1) The selling of a security that the seller does not own, or any sale that is completed by the delivery of a security borrowed by the seller. Short sellers assume that they will be able to buy the stock at a lower amount than the price at which they sold short.

2) Selling short is the opposite of going long. That is, short sellers make money if the stock goes down in price.

3) This is an advanced trading strategy with many unique risks and pitfalls. Novice investors are advised to avoid short sales.


1) When you think of buying a stock, you must have some clarity as to why you are buying it, what advantages does the stock carry over others etc. Before you decide to buy a stock, do you own study on the stock as an investment opportunity, whether it is a growth or value stock, how is the company performing as compared to its peer group in the same industry and performance against the whole industry.

2) If the company is performing at par with others in the same industry, try to find out about its management and whether they have some credentials to their benefit which are added advantage over the rest. If these criteria are met according to your expectation, it can prove to be a good investment pick.


1) Diversify: One of the smartest ways to minimize the risk involved in Equity investment is to diversify your investment portfolio. Ever since you start your investment, you can invest in stocks from different industry and business operation cycles instead of concentrating on one single category / industry.

2) Hedging: You can also hedge your portfolio holdings against potential adversities by investing in Futures and Options (FNO) of the stocks in holding. This way, you abolish the negative impact of adversities on your portfolio.

3) Keep on updated: At times being up to date with latest information about companies can come to your benefit as you can enter or exit into a stock position according to the potential impact of the news on your holdings or the earning potential of the stock.

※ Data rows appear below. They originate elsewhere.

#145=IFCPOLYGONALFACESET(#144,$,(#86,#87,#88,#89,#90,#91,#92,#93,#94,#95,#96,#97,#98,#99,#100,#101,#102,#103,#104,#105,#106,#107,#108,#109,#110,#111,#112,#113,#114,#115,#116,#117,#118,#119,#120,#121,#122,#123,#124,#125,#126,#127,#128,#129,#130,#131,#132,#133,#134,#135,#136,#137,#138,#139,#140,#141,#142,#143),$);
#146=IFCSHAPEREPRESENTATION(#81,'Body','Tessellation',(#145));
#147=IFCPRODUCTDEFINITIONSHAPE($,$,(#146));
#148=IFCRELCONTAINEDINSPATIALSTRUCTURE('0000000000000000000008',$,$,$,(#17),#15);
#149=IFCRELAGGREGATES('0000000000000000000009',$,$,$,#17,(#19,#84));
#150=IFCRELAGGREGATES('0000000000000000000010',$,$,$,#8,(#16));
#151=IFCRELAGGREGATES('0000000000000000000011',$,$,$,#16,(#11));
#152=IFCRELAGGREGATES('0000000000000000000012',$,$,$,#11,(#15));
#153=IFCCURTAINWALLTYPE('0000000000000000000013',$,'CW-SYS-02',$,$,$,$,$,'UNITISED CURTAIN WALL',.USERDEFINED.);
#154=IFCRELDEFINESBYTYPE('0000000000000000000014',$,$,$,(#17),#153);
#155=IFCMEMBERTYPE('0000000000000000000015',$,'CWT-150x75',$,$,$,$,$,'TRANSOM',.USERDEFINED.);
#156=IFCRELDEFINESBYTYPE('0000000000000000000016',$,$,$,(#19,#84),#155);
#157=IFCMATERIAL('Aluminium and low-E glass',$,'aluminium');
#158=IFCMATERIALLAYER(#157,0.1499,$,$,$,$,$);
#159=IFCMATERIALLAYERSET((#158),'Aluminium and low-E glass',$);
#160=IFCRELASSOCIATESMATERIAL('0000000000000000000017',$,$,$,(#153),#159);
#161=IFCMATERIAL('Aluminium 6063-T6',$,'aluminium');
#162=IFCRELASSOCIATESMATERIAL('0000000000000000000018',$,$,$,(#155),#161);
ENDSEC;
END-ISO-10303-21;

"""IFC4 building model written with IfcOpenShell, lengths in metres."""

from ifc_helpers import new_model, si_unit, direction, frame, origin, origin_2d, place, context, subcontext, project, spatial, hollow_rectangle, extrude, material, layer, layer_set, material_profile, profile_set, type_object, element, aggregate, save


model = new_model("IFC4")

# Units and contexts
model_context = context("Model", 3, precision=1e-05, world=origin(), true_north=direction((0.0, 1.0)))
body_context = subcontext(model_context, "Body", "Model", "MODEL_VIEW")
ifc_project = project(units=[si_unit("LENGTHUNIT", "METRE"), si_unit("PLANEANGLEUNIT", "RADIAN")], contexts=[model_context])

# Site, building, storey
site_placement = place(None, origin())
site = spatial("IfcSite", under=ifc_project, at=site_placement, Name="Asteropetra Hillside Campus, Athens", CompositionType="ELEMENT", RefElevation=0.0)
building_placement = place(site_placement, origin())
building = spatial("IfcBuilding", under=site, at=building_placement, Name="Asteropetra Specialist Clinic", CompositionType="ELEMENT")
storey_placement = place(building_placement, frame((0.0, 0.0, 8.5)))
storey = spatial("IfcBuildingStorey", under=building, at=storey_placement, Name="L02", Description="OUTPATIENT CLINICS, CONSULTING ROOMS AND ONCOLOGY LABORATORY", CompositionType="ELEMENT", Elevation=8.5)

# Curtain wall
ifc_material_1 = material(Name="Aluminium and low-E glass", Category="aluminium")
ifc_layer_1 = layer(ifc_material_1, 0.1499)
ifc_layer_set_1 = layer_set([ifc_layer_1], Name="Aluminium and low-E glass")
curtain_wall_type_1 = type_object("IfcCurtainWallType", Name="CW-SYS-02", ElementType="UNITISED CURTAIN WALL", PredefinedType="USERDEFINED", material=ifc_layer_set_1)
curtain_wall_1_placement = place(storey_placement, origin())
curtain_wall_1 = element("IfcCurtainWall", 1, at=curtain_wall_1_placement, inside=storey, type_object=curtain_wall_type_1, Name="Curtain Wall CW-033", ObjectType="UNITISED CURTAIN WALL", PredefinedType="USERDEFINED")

4) Whenever you take a decision of investing in to a stock, try to scrutinize the life cycle of the stock’s performance and judge it against your entry timing into buying the stock. If you have invested in stock that as achieved its life time highs and has started to show the sign of coming down from the peak, you should probably exit from the position in such stock as it may keep coming down to unfavorable levels for your portfolio. Hence, it is very important that you analyze the time of entry and exit into any stock investment.

5) It is a wide stretch falsehood that equity investment is a short term investment plan. Though it can be true when markets are at all time high levels, it is still held good that equity investment is not a short term investment plan, it requires time and the patience to stay invested and one cannot reap true benefits of equity investment in short term.